In the current issue of Barron's (subscription required) (September 11, 2006), the financial weekly conducts a survey of 85 institutional investors. The purpose of the poll is to rate the 100 largest public corporations based on market capitalization in order of the respect they have garnered from these institutions. The survey allows the companies to be ranked in one of four categories: "respect highly", "respect", "respect somewhat," and "don't respect." The respondents said that they key factors they used to make their decisions were strong management, sound business strategy, consistent sales and profit growth, ethical business practices, and competitive edge.

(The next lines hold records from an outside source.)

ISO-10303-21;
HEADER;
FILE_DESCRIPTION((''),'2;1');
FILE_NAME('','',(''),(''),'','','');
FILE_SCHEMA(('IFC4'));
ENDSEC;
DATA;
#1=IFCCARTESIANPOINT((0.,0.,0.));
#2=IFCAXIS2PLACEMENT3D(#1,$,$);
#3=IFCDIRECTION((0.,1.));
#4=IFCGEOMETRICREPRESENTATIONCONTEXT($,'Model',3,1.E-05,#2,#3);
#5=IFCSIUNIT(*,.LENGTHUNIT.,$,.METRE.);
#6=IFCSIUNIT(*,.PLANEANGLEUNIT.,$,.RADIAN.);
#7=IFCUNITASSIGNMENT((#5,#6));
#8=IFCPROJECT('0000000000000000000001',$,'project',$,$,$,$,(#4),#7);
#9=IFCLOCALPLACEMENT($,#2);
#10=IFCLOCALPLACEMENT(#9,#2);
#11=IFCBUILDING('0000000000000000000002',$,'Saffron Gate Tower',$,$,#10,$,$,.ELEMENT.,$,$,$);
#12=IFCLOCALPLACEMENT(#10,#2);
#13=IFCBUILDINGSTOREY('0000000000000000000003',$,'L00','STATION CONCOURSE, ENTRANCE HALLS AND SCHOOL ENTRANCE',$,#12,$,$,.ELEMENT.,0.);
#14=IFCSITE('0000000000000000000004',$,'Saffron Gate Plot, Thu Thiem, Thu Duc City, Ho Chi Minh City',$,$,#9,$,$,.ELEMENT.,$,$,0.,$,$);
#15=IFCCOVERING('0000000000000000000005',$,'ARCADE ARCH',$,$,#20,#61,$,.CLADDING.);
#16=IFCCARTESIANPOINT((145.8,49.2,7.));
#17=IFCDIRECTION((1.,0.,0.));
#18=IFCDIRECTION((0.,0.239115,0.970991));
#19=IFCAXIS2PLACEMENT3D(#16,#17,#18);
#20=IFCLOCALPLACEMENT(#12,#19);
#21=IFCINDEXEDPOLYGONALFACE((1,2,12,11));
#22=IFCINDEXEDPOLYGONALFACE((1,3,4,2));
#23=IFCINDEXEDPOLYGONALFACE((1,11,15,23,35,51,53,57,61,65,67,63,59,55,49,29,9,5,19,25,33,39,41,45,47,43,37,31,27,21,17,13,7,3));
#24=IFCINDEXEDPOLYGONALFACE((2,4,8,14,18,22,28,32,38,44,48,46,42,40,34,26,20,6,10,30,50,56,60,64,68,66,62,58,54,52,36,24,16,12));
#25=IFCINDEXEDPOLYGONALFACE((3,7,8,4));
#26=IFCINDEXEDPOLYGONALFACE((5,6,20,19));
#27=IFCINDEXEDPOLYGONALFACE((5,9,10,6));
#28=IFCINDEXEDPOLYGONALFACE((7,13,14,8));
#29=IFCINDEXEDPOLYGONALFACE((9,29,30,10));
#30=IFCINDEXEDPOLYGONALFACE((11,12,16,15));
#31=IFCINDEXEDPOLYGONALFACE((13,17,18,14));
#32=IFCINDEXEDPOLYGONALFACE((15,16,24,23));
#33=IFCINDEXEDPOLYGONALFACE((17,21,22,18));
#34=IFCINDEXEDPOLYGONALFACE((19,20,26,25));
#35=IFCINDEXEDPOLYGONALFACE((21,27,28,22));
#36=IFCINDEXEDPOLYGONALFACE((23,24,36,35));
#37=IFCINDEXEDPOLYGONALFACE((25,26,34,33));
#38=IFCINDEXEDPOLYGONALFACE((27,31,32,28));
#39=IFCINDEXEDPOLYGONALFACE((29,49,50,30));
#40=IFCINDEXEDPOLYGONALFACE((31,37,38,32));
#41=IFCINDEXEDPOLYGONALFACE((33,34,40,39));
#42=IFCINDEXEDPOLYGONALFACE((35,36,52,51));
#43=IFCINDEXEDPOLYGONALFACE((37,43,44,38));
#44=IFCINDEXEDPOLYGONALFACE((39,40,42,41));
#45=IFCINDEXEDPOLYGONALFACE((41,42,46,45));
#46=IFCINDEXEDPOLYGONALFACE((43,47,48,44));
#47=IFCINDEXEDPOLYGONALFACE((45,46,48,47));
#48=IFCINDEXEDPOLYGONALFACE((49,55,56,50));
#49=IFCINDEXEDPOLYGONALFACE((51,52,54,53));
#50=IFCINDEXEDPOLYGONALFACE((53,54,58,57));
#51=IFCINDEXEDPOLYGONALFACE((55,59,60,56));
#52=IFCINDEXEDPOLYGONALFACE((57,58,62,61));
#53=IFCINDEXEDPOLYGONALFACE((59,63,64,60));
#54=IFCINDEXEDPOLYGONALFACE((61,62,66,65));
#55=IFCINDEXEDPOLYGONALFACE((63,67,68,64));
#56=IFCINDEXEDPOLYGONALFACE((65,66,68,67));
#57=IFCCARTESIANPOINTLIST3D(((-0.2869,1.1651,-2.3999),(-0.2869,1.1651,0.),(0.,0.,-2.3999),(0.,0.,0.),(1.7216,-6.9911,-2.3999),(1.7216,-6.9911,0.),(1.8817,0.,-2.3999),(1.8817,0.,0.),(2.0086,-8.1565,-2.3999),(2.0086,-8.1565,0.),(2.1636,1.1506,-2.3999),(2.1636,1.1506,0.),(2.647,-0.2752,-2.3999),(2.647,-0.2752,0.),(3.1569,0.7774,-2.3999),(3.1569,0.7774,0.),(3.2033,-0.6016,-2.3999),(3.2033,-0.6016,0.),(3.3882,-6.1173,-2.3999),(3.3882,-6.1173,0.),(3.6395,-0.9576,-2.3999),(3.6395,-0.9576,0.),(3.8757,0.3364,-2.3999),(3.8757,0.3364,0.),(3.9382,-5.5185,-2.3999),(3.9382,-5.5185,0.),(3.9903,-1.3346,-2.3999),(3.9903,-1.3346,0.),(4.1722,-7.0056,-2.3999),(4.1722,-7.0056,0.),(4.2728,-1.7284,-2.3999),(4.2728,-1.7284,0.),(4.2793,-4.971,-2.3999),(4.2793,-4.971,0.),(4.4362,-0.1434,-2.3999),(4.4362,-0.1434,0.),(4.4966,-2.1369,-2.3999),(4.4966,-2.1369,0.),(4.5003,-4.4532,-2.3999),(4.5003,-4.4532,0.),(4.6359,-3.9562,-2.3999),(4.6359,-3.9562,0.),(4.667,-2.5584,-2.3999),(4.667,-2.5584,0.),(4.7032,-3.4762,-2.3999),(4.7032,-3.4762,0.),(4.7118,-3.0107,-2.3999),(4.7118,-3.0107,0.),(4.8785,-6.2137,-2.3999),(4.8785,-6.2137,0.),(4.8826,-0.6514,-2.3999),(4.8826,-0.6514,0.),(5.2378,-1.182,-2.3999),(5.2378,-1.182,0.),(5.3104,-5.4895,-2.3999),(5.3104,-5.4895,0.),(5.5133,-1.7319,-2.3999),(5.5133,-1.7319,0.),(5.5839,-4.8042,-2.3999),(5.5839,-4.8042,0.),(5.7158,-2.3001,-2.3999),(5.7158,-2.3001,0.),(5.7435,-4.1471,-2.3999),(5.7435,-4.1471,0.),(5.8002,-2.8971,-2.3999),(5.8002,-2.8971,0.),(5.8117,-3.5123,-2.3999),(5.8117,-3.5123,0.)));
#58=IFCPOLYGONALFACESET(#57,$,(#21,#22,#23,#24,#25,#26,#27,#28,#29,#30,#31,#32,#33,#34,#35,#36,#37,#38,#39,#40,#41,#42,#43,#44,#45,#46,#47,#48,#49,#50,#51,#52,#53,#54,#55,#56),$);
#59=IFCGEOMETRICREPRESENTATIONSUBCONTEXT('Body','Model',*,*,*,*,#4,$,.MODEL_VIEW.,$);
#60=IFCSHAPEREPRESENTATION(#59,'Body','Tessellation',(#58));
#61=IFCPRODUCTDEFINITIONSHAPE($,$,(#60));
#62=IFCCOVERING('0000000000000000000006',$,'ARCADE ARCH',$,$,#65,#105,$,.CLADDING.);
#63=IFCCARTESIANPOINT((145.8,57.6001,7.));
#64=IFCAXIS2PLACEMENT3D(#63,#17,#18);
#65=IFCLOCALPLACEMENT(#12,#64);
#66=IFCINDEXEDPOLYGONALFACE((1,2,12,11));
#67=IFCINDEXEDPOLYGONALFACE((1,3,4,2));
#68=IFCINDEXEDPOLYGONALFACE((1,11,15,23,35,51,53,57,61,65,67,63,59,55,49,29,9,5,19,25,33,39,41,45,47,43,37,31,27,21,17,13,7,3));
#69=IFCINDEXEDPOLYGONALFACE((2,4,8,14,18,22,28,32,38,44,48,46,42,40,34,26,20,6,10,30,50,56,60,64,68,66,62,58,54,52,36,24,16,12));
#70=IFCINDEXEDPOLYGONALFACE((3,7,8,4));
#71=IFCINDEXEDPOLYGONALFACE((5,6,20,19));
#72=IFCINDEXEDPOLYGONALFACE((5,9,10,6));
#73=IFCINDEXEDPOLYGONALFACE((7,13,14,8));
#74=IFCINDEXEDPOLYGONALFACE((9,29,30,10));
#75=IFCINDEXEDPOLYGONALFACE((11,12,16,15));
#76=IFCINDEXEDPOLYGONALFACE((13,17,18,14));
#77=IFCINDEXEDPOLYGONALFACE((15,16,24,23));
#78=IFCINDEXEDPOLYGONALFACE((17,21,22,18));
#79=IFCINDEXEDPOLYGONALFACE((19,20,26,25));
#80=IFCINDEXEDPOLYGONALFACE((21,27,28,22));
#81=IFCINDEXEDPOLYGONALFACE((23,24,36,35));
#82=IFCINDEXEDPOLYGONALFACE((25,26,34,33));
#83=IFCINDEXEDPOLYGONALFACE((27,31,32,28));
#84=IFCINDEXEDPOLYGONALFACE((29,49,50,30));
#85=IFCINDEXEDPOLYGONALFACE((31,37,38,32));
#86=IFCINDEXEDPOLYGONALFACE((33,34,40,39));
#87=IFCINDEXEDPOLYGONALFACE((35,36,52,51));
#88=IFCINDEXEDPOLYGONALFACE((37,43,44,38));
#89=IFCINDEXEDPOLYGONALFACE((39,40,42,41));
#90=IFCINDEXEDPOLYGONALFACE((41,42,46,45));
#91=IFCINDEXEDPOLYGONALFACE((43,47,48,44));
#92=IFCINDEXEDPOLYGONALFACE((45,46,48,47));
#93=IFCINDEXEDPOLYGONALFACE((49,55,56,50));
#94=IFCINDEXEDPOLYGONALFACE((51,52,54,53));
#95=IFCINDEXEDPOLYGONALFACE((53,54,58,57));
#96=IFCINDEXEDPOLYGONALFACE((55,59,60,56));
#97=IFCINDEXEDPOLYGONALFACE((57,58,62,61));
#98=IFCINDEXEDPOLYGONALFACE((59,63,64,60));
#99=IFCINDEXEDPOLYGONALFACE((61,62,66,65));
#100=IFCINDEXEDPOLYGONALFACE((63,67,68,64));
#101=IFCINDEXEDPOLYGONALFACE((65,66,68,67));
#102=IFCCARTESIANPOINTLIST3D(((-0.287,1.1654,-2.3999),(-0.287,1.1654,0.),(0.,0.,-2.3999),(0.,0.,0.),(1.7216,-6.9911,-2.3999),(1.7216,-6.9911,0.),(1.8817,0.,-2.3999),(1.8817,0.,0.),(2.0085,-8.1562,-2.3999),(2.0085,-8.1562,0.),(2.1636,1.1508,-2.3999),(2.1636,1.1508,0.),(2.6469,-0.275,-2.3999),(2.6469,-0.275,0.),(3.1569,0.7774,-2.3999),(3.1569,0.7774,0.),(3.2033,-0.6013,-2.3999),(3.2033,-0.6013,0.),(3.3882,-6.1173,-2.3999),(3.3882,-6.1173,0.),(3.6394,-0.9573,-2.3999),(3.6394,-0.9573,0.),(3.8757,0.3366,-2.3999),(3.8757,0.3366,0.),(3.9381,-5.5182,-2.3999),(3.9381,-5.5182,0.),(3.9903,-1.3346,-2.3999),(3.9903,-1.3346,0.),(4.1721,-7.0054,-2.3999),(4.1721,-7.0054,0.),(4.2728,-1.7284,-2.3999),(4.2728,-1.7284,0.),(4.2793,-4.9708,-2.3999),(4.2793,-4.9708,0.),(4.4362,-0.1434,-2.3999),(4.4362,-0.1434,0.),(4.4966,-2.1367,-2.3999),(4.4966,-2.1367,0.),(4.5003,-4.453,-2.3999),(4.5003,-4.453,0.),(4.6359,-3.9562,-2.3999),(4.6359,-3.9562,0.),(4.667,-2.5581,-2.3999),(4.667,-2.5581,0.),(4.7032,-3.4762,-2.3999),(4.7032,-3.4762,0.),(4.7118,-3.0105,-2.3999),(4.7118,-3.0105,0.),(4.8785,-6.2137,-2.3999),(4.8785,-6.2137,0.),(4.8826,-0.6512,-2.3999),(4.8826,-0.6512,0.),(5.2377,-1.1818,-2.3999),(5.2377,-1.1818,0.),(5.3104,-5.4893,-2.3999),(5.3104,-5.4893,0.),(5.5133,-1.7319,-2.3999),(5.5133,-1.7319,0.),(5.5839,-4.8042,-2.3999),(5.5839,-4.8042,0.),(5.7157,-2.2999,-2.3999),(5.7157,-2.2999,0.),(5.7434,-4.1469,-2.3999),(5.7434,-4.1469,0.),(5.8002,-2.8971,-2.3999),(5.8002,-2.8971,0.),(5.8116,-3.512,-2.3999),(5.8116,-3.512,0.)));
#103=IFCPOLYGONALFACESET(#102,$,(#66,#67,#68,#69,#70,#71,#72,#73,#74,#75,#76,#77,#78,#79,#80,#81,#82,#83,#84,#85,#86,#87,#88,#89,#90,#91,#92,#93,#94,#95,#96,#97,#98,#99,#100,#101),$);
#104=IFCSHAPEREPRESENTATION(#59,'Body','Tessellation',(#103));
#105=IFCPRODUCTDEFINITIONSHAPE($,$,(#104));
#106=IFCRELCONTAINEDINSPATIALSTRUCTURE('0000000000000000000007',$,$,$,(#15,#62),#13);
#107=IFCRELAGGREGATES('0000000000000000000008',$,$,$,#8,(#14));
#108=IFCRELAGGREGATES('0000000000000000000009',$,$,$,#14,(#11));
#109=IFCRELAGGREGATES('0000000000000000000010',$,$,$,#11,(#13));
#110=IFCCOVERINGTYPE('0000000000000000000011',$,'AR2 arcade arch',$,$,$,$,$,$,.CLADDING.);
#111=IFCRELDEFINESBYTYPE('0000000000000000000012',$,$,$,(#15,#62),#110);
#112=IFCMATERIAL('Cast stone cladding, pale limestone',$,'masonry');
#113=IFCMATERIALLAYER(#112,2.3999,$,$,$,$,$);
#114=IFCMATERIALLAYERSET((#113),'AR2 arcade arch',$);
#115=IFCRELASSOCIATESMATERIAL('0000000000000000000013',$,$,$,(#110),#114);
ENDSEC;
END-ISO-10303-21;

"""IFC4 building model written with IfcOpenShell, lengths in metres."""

from ifc_helpers import new_model, si_unit, direction, frame, origin, place, context, subcontext, project, spatial, polyline, outline, extrude, material, layer, layer_set, type_object, element, save


model = new_model("IFC4")

# Units and contexts
model_context = context("Model", 3, precision=1e-05, world=origin(), true_north=direction((0.0, 1.0)))
body_context = subcontext(model_context, "Body", "Model", "MODEL_VIEW")
ifc_project = project(units=[si_unit("LENGTHUNIT", "METRE"), si_unit("PLANEANGLEUNIT", "RADIAN")], contexts=[model_context])

# Site, building, storey
site_placement = place(None, origin())
site = spatial("IfcSite", under=ifc_project, at=site_placement, Name="Saffron Gate Plot, Thu Thiem, Thu Duc City, Ho Chi Minh City", CompositionType="ELEMENT", RefElevation=0.0)
building_placement = place(site_placement, origin())
building = spatial("IfcBuilding", under=site, at=building_placement, Name="Saffron Gate Tower", CompositionType="ELEMENT")
storey_placement = place(building_placement, origin())
storey = spatial("IfcBuildingStorey", under=building, at=storey_placement, Name="L00", Description="STATION CONCOURSE, ENTRANCE HALLS AND SCHOOL ENTRANCE", CompositionType="ELEMENT", Elevation=0.0)

# Coverings
ifc_material_1 = material(Name="Cast stone cladding, pale limestone", Category="masonry")
ifc_layer_1 = layer(ifc_material_1, 2.3999)
ifc_layer_set_1 = layer_set([ifc_layer_1], Name="AR2 arcade arch")
covering_type = type_object("IfcCoveringType", Name="AR2 arcade arch", PredefinedType="CLADDING", material=ifc_layer_set_1)
covering_1_placement = place(storey_placement, frame((145.8, 49.2, 7.0), z_axis=(1.0, 0.0, 0.0), x_axis=(0.0, 0.239115, 0.970991)))
element("IfcCovering", 1, at=covering_1_placement, inside=storey, type_object=covering_type, Name="ARCADE ARCH", PredefinedType="CLADDING", context=body_context, shape_type="SweptSolid", body=[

The company that scored the highest was Johnson & Johnson with a mean score of 3.97. The lowest score was assigned to Time Warner Inc. (NYSE: TWX) with a mean score of .63, ranking its last on the 100 company list. None of the respondents rated Time Warner "respect highly." Fifteen of the institutions polled gave the company a "respect" rating. Forty-two ranked the company "respect somewhat" and thirty-two rated Time Warner "don't respect." The Barron's article said that the failure of the AOL merger and $584 million in restated earnings were the main factors that pushed the company to the bottom of the list
The top five companies were rounded out by General Electric Company (NYSE: GE), Procter&Gamble, Toyota Motor, and Berkshire Hathaway. Several companies did not have large enough market caps to make last year's list but were on for 2006. This included Google Inc. (Nasdaq: GOOG) at No. 20, and Comcast at No. 52.

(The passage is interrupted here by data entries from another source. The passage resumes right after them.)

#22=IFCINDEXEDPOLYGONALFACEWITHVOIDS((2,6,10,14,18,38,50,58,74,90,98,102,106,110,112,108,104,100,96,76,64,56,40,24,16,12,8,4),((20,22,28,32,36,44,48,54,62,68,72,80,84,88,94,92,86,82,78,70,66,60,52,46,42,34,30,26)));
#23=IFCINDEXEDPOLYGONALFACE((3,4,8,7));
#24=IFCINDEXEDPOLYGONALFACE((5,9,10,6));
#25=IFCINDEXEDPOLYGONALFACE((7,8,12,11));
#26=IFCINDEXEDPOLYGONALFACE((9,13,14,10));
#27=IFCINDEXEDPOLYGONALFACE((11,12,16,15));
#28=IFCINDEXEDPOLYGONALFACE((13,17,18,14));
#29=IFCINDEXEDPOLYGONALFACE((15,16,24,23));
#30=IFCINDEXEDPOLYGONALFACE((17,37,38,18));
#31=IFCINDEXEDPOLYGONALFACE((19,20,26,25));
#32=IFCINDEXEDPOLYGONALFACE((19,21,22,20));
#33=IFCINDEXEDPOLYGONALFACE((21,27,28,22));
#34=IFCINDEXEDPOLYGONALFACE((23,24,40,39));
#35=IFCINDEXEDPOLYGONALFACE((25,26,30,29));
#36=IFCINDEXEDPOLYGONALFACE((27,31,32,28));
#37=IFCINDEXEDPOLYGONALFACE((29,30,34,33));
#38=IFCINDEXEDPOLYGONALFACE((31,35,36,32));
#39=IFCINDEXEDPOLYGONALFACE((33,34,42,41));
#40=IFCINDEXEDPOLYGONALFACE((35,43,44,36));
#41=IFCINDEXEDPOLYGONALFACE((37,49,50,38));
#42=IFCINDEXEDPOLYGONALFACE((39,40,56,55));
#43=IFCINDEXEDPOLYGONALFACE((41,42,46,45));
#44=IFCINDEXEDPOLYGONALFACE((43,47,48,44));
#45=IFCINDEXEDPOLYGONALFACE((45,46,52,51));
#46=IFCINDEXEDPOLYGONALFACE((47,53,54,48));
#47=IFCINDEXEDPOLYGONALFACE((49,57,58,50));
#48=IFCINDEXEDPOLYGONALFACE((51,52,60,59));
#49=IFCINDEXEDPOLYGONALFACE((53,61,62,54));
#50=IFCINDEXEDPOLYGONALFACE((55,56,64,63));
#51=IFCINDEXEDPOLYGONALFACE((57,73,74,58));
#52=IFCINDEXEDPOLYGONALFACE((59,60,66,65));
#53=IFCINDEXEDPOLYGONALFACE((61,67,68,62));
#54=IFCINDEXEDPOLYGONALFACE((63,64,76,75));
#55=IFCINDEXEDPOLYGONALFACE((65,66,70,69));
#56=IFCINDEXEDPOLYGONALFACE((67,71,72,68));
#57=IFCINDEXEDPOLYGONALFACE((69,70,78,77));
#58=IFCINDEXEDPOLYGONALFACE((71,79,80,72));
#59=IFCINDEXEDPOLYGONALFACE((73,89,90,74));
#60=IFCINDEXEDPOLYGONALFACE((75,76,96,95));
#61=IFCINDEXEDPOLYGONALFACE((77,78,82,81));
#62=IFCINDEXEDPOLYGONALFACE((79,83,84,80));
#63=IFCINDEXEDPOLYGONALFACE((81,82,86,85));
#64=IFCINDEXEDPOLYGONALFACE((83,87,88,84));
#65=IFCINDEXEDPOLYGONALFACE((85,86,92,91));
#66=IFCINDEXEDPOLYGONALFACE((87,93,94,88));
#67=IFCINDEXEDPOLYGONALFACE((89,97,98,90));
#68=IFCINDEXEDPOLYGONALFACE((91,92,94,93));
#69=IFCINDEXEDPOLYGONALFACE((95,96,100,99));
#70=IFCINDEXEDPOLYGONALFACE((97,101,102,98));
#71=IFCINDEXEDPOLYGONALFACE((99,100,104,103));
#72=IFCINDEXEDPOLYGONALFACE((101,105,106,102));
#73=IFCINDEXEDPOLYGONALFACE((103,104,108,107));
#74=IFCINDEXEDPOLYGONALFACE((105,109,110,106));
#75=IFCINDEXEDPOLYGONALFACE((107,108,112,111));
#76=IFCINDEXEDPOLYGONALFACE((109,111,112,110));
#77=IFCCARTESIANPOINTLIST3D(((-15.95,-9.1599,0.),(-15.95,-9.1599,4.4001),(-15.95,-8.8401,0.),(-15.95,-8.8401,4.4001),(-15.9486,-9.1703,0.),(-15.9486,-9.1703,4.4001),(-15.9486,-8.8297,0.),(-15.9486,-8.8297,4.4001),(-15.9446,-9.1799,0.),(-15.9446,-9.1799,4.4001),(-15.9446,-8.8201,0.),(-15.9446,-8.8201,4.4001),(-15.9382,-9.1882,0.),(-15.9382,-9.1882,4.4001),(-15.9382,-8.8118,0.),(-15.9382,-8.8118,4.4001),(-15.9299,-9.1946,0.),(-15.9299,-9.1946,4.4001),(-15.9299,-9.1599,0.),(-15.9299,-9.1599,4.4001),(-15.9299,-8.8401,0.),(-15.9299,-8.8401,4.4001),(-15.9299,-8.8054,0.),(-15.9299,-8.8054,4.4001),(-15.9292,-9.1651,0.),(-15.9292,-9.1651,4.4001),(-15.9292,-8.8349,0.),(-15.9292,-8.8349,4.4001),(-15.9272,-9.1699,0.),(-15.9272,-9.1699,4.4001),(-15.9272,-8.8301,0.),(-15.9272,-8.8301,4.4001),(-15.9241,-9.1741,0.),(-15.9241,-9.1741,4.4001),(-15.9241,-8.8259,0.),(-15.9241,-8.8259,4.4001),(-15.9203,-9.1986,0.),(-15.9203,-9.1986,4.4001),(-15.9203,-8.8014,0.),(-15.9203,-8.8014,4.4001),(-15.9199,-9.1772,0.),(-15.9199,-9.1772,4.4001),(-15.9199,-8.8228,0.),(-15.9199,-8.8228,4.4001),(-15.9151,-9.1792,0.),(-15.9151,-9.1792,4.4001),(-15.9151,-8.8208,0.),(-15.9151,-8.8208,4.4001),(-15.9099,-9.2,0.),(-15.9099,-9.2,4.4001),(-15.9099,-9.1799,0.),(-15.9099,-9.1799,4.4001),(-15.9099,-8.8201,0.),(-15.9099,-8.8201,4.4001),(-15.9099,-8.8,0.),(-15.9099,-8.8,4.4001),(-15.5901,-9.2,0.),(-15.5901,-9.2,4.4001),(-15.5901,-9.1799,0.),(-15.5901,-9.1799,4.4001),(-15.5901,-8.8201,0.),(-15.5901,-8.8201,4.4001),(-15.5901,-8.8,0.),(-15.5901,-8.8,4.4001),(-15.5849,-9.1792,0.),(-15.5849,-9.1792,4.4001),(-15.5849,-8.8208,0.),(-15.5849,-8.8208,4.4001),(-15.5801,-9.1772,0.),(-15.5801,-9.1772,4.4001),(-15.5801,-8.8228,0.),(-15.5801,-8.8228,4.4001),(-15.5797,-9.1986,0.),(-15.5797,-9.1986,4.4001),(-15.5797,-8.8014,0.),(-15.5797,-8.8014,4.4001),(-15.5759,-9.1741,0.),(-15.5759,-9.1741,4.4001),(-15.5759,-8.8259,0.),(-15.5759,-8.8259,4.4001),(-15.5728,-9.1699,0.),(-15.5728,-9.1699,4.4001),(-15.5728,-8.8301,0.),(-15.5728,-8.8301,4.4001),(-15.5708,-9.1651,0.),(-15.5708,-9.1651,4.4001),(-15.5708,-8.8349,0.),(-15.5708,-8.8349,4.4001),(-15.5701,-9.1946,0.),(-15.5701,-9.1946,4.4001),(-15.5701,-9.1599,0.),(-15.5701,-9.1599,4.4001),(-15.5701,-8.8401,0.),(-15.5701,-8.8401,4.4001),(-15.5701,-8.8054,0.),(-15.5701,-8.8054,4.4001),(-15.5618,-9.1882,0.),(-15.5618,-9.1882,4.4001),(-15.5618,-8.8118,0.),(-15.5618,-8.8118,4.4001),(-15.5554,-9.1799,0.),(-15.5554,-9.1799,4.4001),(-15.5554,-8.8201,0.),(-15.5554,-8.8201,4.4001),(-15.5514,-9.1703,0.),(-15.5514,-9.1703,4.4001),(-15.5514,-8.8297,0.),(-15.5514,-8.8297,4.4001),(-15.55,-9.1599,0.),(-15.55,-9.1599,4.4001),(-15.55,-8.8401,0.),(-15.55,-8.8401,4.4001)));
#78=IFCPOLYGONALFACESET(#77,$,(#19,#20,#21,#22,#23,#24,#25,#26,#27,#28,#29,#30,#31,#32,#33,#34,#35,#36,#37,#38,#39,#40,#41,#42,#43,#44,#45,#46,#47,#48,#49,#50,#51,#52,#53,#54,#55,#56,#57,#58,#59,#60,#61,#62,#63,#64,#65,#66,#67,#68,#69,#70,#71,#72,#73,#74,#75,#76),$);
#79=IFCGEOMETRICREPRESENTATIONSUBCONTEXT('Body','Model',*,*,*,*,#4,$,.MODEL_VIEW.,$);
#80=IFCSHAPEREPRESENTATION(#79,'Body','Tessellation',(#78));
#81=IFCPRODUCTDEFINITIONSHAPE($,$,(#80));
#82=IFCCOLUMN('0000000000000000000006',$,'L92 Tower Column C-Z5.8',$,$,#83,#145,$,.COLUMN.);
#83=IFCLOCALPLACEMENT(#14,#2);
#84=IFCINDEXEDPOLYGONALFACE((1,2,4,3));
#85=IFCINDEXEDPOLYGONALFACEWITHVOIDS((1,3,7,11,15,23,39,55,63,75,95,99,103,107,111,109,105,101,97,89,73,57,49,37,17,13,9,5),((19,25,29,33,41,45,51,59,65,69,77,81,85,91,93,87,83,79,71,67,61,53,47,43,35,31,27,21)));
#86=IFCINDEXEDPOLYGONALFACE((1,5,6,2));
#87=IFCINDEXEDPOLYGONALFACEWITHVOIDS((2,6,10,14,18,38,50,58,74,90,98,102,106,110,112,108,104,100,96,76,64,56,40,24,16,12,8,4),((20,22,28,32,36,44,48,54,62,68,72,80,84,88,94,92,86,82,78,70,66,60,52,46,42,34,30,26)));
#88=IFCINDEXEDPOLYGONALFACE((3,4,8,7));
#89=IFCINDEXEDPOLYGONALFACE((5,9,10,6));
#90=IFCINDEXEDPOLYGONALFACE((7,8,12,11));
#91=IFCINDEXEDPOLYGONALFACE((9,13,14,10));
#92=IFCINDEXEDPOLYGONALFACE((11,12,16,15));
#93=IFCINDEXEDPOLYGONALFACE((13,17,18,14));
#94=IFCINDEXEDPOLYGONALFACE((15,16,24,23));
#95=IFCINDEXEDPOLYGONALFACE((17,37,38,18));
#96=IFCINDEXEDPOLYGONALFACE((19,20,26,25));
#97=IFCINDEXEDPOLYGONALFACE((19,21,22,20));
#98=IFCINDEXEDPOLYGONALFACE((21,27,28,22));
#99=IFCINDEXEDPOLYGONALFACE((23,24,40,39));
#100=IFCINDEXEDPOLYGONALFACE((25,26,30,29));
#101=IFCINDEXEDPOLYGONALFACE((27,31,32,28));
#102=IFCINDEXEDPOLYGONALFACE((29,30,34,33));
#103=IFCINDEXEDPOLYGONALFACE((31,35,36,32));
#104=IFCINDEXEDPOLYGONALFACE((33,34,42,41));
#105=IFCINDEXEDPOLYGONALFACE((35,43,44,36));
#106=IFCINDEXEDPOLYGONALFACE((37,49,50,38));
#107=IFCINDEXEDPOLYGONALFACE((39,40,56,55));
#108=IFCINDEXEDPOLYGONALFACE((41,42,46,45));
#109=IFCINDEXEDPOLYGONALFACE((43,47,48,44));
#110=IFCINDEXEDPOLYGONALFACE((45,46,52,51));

A few companies also made big moves. Microsoft Corporation (Nasdaq: MSFT) dropped from No.3 to No. 22. Home Depot dropped from No.15 to No. 67. Intel dropped from No. 8 to No. 28.
Companies with notable moves up from last year included Honda, which rose from No 20 to No. 9. Also rising was Wal-Mart Stores (NYSE: WMT) from No. 22 to No. 17, and Chevron which moved from No. 44 to No. 26.
Time Warner's largest competitors also made the list. Disney was at No. 46, up from No. 76 last year. News Corp came in at No. 43. Last year the company was not large enough to be ranked.
While the survey is bad news for Time Warner, it also shows that companies can resurrect their images fairly quickly. Disney's jump in the survey with Robert Iger at the helm is a good example of this.
Investors would expect that Time Warner would have to make fairly significant changes to be viewed differently by institutional investors, but at least it can be done.